10. A ciência já comprovou: as sementes de milho transgênicas não convivem com as outras variedades. Elas afetam geneticamente todas as demais em imensas extensões de lavouras. Nos anos oitenta, os norte-americanos cobriram com adesivos a fuselagem de um avião que sobrevoou, a grande altitude, o Corn Belt (o Cinturão do Milho) do país. Colheram desse adesivo material genético de milhares de variedades do cereal. É a glória e maldição do milho: a polinização é aberta, promovida pelo próprio vento. Deve-se esclarecer, também, que a pesquisa genética com essas sementes não visa selecionar características que as tornem resistentes às pragas e doenças, mas sim aos herbicidas e venenos fabricados por seus próprios desenvolvedores. E, pior, não há estudo comprobatório de sua segurança. Nenhum.
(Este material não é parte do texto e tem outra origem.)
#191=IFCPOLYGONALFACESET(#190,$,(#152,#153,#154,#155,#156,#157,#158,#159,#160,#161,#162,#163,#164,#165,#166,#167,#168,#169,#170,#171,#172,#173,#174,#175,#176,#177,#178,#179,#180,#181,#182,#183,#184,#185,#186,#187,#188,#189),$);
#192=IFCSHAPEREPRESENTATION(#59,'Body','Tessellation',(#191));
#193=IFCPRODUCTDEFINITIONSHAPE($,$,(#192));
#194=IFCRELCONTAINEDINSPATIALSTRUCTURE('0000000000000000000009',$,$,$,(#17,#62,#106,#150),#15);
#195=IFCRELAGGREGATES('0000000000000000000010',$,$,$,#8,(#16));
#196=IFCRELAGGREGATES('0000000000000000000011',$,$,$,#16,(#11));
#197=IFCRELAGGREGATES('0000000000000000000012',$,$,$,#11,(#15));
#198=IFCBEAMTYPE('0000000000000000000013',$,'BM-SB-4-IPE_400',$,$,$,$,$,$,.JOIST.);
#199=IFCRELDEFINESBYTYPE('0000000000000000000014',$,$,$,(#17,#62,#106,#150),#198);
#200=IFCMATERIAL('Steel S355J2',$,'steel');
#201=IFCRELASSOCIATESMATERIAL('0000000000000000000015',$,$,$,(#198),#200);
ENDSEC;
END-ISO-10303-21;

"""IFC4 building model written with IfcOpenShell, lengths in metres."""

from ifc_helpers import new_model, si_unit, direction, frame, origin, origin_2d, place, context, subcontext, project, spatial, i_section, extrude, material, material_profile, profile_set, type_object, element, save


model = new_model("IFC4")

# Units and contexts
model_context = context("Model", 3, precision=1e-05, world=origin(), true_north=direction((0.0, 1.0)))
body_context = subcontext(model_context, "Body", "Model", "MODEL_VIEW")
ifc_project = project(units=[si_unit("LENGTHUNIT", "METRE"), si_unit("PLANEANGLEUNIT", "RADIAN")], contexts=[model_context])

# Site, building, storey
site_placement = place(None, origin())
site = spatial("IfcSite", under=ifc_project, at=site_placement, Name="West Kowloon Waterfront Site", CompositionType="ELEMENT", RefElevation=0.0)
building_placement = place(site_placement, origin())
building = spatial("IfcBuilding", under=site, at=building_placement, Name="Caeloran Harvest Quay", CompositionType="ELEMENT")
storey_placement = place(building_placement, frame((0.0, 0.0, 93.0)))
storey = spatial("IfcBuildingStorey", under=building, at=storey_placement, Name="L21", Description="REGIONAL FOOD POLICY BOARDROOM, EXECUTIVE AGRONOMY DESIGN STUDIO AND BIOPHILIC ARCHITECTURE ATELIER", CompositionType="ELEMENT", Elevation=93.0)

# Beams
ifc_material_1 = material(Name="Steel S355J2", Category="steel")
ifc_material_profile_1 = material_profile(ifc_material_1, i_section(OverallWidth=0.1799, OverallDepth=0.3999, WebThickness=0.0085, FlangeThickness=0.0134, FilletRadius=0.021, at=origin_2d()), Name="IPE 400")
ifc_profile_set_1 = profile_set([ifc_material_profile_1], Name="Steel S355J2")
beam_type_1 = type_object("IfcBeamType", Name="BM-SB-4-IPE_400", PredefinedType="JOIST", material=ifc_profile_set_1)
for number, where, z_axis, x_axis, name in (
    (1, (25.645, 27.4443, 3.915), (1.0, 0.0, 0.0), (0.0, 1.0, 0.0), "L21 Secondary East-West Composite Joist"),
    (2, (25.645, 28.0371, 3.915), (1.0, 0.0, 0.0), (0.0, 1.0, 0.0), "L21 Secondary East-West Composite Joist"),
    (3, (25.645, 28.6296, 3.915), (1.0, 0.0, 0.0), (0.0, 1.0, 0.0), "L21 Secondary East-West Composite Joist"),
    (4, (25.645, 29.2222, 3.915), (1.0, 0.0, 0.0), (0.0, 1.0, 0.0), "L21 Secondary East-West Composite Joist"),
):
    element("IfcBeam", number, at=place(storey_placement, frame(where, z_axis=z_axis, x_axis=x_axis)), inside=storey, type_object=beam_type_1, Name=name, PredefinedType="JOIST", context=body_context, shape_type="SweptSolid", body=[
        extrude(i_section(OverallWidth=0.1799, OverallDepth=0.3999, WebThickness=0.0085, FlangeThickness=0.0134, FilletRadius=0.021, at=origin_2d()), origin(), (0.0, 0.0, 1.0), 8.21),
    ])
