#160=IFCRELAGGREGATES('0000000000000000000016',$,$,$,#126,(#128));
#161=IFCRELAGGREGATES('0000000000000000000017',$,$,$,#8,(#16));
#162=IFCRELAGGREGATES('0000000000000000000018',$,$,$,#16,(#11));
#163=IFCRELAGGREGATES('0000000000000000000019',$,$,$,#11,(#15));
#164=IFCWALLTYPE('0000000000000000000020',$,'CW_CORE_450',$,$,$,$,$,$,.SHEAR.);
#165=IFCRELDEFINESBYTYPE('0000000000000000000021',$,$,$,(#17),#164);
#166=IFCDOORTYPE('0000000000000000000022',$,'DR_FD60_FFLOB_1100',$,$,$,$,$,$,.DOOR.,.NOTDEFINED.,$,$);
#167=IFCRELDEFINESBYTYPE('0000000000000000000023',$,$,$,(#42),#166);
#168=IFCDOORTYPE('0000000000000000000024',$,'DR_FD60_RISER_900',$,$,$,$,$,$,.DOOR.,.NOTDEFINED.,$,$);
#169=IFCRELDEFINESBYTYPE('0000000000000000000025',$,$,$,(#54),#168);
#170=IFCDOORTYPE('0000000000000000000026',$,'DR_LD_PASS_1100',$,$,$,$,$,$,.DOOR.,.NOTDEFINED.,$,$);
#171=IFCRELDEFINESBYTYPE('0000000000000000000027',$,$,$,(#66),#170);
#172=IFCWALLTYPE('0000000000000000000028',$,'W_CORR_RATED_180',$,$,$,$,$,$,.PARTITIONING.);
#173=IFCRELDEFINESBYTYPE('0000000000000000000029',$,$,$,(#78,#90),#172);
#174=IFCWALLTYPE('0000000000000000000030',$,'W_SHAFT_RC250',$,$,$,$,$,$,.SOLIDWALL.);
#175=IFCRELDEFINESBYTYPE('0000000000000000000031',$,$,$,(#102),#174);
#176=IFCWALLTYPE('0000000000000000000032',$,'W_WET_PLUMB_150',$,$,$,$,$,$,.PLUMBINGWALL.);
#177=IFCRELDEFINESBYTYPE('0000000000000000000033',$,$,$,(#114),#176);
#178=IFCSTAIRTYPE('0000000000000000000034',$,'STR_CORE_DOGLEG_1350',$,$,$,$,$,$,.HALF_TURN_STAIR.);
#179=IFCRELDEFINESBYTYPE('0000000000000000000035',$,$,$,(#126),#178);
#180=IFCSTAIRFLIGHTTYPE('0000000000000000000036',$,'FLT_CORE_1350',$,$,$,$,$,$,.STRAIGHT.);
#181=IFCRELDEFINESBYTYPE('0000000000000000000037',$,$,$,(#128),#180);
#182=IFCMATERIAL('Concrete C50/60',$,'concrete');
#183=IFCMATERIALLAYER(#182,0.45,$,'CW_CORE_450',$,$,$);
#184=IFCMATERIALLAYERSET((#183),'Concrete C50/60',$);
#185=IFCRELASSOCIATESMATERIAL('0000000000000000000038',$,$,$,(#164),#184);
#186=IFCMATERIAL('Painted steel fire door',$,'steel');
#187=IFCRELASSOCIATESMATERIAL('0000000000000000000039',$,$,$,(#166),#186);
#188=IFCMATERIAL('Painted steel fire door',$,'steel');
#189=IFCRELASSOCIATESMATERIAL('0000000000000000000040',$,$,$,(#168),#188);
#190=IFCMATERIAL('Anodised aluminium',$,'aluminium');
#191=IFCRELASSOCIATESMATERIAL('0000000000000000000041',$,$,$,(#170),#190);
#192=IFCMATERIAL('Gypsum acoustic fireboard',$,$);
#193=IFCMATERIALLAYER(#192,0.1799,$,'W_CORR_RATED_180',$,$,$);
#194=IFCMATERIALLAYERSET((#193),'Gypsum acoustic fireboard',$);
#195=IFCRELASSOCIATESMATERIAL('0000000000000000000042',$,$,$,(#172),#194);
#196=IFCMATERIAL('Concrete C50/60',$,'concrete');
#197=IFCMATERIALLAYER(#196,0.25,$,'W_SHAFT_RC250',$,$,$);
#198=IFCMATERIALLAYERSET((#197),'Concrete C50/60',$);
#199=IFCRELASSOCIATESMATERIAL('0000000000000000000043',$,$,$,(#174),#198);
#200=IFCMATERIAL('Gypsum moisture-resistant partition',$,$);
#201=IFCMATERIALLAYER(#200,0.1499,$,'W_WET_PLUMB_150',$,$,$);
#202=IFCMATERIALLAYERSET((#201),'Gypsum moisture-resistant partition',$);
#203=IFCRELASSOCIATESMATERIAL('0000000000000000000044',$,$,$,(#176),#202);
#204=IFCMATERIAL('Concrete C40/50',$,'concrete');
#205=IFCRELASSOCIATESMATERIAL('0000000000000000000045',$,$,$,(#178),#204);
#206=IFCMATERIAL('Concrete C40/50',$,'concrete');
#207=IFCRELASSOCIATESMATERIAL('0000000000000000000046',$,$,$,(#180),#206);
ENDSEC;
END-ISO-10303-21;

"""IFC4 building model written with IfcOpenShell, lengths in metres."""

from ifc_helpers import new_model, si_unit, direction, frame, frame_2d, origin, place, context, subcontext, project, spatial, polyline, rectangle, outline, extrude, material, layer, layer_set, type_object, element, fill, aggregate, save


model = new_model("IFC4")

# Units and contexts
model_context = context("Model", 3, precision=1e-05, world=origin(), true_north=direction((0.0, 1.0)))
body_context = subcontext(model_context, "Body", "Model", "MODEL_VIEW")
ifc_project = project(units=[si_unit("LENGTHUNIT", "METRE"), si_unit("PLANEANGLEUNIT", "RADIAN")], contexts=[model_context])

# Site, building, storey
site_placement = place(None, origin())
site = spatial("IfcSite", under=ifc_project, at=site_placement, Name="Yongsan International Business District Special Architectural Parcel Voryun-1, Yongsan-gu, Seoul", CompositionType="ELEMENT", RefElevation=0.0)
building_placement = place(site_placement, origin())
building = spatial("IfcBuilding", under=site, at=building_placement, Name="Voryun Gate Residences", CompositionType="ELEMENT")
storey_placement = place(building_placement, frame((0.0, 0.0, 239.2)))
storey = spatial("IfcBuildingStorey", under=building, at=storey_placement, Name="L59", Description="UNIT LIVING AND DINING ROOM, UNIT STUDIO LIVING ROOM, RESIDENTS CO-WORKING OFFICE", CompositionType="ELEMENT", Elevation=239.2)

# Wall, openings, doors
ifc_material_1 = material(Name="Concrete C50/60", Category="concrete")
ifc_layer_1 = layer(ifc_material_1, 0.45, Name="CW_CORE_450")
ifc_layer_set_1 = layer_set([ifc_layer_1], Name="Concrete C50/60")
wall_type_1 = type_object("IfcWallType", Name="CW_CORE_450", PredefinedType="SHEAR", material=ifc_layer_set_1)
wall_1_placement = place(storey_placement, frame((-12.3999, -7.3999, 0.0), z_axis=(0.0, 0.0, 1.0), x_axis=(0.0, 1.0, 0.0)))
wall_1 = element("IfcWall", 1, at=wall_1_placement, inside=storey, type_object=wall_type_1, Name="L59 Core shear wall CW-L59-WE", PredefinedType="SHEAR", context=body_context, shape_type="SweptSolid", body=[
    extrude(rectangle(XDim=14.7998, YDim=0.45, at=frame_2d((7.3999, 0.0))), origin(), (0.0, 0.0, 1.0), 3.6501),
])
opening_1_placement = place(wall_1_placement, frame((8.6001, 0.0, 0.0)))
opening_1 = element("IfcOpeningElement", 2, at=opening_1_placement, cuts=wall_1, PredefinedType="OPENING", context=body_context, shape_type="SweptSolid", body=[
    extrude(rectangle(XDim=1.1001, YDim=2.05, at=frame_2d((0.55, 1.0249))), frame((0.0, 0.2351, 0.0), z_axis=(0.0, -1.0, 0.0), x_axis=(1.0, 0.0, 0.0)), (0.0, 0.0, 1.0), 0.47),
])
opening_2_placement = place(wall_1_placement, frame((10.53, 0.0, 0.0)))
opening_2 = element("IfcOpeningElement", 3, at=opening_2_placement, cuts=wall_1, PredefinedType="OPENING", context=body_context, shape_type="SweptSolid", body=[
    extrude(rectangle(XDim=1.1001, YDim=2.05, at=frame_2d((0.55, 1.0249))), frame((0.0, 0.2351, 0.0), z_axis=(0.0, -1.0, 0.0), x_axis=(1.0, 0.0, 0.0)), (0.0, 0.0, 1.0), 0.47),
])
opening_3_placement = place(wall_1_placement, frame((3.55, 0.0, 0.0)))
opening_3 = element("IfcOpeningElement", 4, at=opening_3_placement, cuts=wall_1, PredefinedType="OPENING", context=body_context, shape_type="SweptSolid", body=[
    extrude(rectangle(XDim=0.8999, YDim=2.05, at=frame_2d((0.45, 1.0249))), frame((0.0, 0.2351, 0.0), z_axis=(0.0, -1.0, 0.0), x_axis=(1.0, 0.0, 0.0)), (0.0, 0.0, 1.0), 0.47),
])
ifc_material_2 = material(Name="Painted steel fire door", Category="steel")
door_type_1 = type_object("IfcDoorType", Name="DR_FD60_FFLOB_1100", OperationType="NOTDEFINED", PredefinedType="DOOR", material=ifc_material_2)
11. O sistema de acompanhamento de contaminação de transgênicos do Greenpeace, uma das mais importantes organizações ambientalistas do mundo, já recolheu denúncias de “contaminação” genética por essas variedades de milho em dezesseis países.
12. Nos Estados Unidos, a variedade da Bayer está proibida, pois apresentou problemas na alimentação dos porcos. Em janeiro passado, o presidente da França, Nicolas Sarkozy, que não é nenhum fanático-ambientalista, proibiu o cultivo comercial do milho da Monsanto. Talvez por isso as duas empresas transnacionais tenham aumentado a pressão pela aprovação do seu milho no Brasil.
13. Lembre-se ainda que a difusão dessas variedades de milho no México acabou com todas as variedades locais, crioulas, que eram controladas pelos camponeses e usadas no preparo da tortilla, o prato nacional do país. e levou à falência milhares de famílias de camponeses pobres.
13. As empresas alegam que vão diminuir a dosagem dos venenos. O mesmo diziam sobre a soja transgênica da Monsanto. No Rio Grande do Sul, depois de consolidado o uso da soja transgênica, a utilização de veneno subiu 7,5 quilos para cada quilo usado antes (750%). Por isso, o Brasil é hoje o maior consumidor de venenos agrícolas do mundo!
14. Os movimentos camponeses do Brasil não ficarão calados. Buscaremos todas as formas possíveis para defender nossas variedades e a saúde de nossos cultivos. Dos ministros defensores das transnacionais, só esperamos que tenham vergonha na cara. Porque a história de um povo é um pouquinho mais longa do que quatro anos de governo – e um dia o povo brasileiro vai cobrá-los.
- João Pedro Stedile é do MST e da coordenação nacional da Via Campesina Brasil.